Громова с Надеждой Лебедевой не была знакома, зато Надежда ее очень хорошо знала. Столкнулись они лет шесть назад, когда в НИИ, где работала Надежда, произошло убийство. И эта противная Громова не нашла ничего лучше, как подозревать в убийстве Надеждиного мужа, Сан Саныча! Правда, тогда он еще был не мужем, а просто непосредственным начальником. Разумеется, Надежда никак не могла остаться в стороне, видя, как честного человека несправедливо обвиняют.

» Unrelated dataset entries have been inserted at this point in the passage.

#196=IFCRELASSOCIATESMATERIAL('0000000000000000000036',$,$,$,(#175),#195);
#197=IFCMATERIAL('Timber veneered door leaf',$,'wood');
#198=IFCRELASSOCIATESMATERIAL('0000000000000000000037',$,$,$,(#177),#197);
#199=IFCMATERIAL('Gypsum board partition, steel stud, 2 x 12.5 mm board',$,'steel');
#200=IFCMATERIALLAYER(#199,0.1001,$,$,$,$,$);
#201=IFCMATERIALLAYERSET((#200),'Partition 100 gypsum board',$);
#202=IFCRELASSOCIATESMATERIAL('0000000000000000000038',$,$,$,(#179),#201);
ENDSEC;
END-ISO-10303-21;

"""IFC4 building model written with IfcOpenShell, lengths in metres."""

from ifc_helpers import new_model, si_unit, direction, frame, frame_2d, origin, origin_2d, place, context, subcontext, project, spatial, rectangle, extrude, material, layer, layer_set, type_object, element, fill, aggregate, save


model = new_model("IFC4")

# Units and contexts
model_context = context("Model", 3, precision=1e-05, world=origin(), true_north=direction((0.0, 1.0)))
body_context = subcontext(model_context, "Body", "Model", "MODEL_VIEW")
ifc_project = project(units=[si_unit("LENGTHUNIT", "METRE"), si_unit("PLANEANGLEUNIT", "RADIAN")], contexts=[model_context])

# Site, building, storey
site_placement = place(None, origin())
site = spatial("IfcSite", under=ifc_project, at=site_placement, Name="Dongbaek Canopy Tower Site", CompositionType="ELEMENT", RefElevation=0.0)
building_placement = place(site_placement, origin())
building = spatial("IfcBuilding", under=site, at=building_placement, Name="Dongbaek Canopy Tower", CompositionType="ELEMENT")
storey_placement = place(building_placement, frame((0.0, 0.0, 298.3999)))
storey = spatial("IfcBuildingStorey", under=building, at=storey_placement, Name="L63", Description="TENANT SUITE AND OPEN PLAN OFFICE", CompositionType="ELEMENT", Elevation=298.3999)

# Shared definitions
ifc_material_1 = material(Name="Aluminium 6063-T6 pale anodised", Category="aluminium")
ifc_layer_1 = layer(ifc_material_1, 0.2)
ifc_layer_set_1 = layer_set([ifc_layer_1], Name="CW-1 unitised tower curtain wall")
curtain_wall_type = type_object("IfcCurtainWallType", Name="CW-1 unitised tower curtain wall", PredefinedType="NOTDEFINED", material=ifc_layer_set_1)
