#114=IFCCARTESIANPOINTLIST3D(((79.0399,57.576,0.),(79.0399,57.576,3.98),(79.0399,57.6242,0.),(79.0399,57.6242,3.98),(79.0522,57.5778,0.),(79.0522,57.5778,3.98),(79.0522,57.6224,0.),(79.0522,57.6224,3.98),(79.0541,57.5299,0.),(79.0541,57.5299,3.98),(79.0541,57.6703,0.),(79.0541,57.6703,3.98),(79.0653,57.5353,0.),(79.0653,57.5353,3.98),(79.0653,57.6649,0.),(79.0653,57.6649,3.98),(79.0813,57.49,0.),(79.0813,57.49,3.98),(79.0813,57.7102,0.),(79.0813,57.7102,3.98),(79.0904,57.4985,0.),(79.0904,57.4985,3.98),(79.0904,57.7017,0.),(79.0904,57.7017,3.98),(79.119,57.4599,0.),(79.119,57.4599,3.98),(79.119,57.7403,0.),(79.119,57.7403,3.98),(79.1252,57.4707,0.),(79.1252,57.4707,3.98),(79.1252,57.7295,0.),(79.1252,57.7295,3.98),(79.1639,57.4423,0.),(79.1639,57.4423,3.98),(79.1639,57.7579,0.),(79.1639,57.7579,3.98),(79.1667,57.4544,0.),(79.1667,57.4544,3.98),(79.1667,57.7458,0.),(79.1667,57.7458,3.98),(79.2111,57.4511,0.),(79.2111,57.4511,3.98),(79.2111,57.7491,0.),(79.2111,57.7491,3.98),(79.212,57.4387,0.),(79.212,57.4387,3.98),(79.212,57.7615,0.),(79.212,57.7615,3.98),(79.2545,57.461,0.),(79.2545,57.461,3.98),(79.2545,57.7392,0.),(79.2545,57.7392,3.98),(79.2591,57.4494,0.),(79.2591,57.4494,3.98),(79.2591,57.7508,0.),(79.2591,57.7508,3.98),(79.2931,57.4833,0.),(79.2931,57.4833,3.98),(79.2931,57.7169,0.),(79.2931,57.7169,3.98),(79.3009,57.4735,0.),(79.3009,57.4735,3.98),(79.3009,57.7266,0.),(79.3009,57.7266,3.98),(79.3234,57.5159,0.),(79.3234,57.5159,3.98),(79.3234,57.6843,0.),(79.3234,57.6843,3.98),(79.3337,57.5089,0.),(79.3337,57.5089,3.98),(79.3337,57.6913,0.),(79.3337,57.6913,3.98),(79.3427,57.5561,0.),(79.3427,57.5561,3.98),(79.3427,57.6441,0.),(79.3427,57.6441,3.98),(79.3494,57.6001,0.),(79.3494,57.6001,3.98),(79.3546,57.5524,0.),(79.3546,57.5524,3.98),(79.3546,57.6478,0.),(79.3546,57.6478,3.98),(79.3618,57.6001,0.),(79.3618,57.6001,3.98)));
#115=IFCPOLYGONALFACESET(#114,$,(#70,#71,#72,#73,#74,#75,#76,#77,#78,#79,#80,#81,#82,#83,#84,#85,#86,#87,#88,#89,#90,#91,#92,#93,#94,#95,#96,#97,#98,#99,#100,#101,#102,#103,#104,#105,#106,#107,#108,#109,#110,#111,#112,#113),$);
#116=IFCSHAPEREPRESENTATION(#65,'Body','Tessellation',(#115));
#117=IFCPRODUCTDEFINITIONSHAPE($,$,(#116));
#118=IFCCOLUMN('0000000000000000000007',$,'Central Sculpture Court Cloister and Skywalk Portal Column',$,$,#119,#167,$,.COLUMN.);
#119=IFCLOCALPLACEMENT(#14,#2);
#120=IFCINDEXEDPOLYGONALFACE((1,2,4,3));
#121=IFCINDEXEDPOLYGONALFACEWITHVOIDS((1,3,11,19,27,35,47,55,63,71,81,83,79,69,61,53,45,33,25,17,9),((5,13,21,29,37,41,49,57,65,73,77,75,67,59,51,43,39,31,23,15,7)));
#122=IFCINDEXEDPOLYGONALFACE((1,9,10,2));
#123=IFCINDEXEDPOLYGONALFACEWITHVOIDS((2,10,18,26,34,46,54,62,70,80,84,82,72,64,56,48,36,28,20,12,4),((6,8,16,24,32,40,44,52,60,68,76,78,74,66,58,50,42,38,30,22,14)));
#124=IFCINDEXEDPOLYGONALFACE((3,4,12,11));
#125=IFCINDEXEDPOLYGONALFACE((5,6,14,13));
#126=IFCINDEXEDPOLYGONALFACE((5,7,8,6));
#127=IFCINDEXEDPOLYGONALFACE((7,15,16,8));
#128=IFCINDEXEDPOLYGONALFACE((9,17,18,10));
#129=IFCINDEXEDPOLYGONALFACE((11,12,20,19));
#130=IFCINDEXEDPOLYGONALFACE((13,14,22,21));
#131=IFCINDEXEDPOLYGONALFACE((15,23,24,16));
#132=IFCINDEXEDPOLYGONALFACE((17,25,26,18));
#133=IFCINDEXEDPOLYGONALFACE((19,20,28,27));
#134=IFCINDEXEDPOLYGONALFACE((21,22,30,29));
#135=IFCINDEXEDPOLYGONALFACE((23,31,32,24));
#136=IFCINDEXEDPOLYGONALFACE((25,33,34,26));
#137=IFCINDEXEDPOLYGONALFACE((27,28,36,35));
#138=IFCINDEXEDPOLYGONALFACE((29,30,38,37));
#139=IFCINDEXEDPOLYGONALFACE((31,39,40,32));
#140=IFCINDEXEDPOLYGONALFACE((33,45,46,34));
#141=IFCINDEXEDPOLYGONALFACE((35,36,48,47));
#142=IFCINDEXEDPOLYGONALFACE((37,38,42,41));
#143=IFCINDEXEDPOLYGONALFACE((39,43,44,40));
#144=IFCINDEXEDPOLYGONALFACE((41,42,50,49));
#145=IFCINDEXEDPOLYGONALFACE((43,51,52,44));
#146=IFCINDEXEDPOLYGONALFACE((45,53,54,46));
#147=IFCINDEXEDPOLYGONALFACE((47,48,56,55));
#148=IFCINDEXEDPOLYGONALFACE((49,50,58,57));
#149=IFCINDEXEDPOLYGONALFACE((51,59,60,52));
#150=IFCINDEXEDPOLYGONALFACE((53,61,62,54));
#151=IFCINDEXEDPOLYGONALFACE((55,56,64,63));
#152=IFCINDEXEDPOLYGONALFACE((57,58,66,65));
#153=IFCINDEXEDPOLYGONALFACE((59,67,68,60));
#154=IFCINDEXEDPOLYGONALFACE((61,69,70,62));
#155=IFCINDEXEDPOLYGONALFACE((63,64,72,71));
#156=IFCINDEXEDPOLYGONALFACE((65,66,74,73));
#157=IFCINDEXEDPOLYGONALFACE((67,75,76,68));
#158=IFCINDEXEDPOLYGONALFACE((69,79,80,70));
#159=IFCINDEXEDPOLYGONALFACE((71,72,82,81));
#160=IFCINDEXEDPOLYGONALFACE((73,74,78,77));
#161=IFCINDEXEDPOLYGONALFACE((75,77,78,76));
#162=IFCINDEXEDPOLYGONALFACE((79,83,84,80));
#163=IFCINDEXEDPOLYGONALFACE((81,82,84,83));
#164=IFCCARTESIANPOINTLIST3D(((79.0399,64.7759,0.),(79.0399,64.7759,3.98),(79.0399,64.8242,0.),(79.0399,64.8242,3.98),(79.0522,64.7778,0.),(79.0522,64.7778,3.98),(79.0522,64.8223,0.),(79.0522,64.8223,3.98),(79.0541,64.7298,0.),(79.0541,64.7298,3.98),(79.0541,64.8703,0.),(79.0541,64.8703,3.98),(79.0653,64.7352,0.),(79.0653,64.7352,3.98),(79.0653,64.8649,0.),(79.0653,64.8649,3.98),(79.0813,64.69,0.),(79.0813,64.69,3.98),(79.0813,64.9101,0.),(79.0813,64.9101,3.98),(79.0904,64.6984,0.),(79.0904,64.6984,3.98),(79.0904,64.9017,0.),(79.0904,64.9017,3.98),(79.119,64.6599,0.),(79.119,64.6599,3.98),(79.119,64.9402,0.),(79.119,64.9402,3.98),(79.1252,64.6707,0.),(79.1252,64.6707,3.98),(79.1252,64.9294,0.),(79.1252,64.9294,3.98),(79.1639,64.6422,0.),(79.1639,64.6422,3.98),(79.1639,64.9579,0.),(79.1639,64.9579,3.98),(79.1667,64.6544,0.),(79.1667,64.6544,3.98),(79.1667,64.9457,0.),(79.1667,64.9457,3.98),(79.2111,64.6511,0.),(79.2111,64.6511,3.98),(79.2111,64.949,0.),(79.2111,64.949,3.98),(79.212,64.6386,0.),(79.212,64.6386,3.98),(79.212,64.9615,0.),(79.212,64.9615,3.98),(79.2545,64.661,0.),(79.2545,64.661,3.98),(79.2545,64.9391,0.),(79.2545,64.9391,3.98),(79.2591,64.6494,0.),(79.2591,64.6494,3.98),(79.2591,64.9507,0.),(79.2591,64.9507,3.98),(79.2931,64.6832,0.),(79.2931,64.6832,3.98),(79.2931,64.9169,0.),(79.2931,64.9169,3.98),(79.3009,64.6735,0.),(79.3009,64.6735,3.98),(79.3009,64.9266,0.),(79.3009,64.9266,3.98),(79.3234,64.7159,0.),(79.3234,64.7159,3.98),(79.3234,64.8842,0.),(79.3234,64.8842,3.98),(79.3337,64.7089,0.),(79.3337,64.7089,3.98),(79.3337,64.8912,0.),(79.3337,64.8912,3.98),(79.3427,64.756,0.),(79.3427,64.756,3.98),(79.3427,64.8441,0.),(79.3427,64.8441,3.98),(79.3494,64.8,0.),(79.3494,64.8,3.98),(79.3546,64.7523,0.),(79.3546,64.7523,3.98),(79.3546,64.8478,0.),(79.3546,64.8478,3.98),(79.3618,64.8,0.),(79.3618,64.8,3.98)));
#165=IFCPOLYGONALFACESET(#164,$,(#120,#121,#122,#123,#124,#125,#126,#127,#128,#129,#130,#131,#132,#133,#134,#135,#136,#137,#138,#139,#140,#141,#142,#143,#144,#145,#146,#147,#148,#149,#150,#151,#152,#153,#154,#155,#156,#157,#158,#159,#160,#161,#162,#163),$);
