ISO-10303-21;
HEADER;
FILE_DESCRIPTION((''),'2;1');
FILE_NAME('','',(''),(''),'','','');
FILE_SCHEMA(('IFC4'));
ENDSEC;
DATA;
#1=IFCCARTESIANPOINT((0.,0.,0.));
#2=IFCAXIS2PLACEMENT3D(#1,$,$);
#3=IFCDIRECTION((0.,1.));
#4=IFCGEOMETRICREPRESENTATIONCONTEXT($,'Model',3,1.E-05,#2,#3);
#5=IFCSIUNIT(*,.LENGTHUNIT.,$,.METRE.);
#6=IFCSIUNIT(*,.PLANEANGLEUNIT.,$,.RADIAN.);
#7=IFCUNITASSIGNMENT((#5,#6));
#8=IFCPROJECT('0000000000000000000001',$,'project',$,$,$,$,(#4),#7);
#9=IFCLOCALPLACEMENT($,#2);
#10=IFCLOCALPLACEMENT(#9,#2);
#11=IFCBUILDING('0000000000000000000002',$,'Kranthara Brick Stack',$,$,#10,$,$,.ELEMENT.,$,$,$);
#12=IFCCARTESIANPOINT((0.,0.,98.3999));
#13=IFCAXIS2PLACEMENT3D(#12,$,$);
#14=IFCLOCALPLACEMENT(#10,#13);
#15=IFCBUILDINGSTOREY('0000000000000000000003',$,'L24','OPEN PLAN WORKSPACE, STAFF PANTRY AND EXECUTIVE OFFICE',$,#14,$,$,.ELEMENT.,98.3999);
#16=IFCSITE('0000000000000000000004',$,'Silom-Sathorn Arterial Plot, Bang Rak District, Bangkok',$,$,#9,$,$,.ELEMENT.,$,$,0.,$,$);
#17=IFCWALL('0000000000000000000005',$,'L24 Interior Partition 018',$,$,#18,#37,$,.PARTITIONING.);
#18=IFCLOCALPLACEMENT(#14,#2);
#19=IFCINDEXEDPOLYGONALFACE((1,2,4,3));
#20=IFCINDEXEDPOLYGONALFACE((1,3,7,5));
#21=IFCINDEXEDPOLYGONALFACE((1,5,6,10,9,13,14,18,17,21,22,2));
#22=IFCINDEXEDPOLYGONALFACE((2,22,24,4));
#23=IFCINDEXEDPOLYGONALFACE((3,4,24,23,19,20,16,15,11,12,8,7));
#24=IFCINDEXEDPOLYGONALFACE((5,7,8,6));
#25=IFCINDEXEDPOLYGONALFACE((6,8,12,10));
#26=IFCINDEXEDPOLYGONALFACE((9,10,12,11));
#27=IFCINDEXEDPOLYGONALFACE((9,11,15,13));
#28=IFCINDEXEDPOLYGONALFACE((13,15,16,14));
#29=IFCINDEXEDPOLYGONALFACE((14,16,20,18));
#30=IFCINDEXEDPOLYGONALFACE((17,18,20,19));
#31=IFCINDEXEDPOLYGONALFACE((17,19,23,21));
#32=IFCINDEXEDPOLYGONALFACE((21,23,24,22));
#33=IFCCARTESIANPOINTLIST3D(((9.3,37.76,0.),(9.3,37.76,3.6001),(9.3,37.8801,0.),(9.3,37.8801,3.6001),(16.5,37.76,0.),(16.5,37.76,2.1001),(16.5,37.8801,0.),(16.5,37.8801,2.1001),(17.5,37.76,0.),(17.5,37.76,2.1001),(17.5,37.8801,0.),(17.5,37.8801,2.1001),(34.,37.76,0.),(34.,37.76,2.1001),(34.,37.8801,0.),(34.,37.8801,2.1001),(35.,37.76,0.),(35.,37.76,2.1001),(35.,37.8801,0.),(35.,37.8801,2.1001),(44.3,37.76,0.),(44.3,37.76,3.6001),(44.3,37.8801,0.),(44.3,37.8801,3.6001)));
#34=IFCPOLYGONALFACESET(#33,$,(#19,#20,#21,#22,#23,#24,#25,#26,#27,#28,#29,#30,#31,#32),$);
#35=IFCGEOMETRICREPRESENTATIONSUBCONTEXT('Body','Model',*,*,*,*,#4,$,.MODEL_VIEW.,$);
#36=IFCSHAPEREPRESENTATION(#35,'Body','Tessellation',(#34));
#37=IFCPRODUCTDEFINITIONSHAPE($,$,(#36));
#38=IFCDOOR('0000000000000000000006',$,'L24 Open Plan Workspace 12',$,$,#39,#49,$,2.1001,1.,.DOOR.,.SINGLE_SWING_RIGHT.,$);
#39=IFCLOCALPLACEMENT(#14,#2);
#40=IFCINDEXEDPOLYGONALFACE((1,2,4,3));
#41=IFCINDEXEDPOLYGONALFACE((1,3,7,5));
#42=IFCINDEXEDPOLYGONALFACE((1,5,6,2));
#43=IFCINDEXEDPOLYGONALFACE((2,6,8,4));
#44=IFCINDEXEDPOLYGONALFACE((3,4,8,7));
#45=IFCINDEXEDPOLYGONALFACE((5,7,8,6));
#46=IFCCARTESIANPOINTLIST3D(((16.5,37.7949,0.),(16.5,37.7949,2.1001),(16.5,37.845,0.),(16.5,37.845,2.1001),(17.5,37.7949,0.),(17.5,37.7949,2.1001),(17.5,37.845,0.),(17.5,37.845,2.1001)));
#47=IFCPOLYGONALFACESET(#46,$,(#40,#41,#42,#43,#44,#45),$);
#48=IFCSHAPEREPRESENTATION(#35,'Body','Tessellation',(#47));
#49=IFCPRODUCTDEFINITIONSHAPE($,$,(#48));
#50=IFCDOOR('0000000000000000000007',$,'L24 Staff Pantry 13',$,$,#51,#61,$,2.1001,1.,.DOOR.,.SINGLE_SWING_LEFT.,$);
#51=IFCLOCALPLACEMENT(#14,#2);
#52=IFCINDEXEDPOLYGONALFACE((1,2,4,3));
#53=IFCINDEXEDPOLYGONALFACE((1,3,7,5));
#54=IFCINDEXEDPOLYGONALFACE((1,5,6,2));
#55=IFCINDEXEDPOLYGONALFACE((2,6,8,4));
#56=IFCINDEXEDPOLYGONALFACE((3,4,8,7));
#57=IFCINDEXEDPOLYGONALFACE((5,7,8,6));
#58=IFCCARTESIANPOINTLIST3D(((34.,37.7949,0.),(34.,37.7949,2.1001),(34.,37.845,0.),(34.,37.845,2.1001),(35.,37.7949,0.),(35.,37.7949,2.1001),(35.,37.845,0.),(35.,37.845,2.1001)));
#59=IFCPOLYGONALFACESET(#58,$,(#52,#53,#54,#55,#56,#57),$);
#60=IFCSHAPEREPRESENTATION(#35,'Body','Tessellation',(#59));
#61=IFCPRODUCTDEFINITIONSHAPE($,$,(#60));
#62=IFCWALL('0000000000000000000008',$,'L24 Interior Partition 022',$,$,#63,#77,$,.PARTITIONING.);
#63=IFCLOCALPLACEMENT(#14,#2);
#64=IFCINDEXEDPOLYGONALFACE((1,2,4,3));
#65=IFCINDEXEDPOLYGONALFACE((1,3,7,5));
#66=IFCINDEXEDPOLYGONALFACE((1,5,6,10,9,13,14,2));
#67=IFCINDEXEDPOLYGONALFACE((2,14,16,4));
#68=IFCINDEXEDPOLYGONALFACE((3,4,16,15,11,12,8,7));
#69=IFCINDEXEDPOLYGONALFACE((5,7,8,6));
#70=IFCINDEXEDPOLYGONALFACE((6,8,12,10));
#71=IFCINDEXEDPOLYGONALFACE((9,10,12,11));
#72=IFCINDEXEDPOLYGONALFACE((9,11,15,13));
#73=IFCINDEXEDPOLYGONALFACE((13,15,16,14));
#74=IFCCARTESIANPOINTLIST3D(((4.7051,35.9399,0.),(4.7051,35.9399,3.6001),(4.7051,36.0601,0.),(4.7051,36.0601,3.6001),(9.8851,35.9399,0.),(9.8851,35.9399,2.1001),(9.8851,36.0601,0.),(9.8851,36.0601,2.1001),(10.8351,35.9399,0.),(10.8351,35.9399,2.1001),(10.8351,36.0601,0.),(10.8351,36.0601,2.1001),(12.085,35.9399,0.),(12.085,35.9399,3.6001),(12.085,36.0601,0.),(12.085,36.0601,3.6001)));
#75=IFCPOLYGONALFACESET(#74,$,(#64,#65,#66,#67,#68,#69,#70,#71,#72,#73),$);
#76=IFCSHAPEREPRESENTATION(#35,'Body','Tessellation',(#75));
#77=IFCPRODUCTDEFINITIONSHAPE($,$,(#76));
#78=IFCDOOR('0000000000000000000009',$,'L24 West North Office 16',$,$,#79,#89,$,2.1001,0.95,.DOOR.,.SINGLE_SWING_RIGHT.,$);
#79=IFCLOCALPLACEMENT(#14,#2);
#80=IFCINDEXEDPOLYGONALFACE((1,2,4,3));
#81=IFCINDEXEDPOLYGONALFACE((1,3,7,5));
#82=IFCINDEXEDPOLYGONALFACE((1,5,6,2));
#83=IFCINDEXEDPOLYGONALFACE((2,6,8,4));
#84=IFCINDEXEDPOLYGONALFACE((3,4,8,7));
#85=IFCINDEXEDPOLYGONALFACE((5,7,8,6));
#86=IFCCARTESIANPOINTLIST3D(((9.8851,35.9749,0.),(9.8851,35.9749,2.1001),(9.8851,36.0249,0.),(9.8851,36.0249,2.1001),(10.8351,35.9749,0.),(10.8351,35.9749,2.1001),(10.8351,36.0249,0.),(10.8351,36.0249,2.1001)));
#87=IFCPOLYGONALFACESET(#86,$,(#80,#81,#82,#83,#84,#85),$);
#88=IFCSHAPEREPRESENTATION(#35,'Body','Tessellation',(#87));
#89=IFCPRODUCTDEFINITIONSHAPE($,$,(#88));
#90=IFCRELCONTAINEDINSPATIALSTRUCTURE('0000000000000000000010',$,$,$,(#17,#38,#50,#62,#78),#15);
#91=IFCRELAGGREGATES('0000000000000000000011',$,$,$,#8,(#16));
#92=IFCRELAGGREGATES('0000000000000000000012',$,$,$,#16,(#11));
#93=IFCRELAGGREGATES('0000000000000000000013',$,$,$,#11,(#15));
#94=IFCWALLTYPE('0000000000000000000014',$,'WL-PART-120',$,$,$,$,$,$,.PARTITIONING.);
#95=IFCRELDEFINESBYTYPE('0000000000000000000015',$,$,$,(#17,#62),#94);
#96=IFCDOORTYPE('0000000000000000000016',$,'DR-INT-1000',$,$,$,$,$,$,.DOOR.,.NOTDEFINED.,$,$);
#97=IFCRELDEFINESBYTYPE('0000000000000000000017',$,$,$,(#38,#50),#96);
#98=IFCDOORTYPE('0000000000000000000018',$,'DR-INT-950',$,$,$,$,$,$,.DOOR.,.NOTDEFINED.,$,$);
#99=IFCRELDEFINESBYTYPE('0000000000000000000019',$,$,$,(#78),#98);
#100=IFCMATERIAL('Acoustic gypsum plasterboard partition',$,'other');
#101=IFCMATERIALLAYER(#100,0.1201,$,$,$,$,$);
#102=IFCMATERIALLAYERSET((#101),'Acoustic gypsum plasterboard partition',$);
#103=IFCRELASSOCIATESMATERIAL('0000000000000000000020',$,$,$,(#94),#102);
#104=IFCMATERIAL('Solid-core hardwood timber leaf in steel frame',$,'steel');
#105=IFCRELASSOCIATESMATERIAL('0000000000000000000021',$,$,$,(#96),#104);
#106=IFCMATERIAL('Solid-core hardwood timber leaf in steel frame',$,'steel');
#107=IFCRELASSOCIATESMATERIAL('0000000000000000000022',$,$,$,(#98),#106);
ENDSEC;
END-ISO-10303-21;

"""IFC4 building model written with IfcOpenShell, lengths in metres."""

from ifc_helpers import new_model, si_unit, direction, frame, frame_2d, origin, place, context, subcontext, project, spatial, rectangle, extrude, material, layer, layer_set, type_object, element, fill, save


model = new_model("IFC4")

# Units and contexts
model_context = context("Model", 3, precision=1e-05, world=origin(), true_north=direction((0.0, 1.0)))
body_context = subcontext(model_context, "Body", "Model", "MODEL_VIEW")
ifc_project = project(units=[si_unit("LENGTHUNIT", "METRE"), si_unit("PLANEANGLEUNIT", "RADIAN")], contexts=[model_context])

# Site, building, storey
site_placement = place(None, origin())
site = spatial("IfcSite", under=ifc_project, at=site_placement, Name="Silom-Sathorn Arterial Plot, Bang Rak District, Bangkok", CompositionType="ELEMENT", RefElevation=0.0)
building_placement = place(site_placement, origin())
building = spatial("IfcBuilding", under=site, at=building_placement, Name="Kranthara Brick Stack", CompositionType="ELEMENT")
storey_placement = place(building_placement, frame((0.0, 0.0, 98.3999)))
storey = spatial("IfcBuildingStorey", under=building, at=storey_placement, Name="L24", Description="OPEN PLAN WORKSPACE, STAFF PANTRY AND EXECUTIVE OFFICE", CompositionType="ELEMENT", Elevation=98.3999)

# Wall, openings, doors
ifc_material_1 = material(Name="Acoustic gypsum plasterboard partition", Category="other")
ifc_layer_1 = layer(ifc_material_1, 0.1201)
ifc_layer_set_1 = layer_set([ifc_layer_1], Name="Acoustic gypsum plasterboard partition")
wall_type_1 = type_object("IfcWallType", Name="WL-PART-120", PredefinedType="PARTITIONING", material=ifc_layer_set_1)
wall_1_placement = place(storey_placement, frame((9.3, 37.8201, 0.0), z_axis=(0.0, 0.0, 1.0), x_axis=(1.0, 0.0, 0.0)))
wall_1 = element("IfcWall", 1, at=wall_1_placement, inside=storey, type_object=wall_type_1, Name="L24 Interior Partition 018", PredefinedType="PARTITIONING", context=body_context, shape_type="SweptSolid", body=[
    extrude(rectangle(XDim=35.0, YDim=0.1201, at=frame_2d((17.5, 0.0))), origin(), (0.0, 0.0, 1.0), 3.6001),
])
opening_1_placement = place(wall_1_placement, frame((7.2, 0.0, 0.0)))
opening_1 = element("IfcOpeningElement", 2, at=opening_1_placement, cuts=wall_1, PredefinedType="OPENING", context=body_context, shape_type="SweptSolid", body=[
    extrude(rectangle(XDim=1.0, YDim=2.1001, at=frame_2d((0.5, 1.05))), frame((0.0, 0.0701, 0.0), z_axis=(0.0, -1.0, 0.0), x_axis=(1.0, 0.0, 0.0)), (0.0, 0.0, 1.0), 0.1401),
])
opening_2_placement = place(wall_1_placement, frame((24.7, 0.0, 0.0)))
opening_2 = element("IfcOpeningElement", 3, at=opening_2_placement, cuts=wall_1, PredefinedType="OPENING", context=body_context, shape_type="SweptSolid", body=[
    extrude(rectangle(XDim=1.0, YDim=2.1001, at=frame_2d((0.5, 1.05))), frame((0.0, 0.0701, 0.0), z_axis=(0.0, -1.0, 0.0), x_axis=(1.0, 0.0, 0.0)), (0.0, 0.0, 1.0), 0.1401),
])
ifc_material_2 = material(Name="Solid-core hardwood timber leaf in steel frame", Category="steel")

Убийцу нашли и наказали, а для Надежды дело кончилось вторым замужеством. Сан Саныч посмеивался и говорил, что они должны быть Громовой благодарны по гроб жизни: если бы не она, то Надежда никогда не посмотрела бы на него ласково и не согласилась бы выйти замуж. «Может, ты и прав, – соглашалась Надежда, – но Громова все равно противная».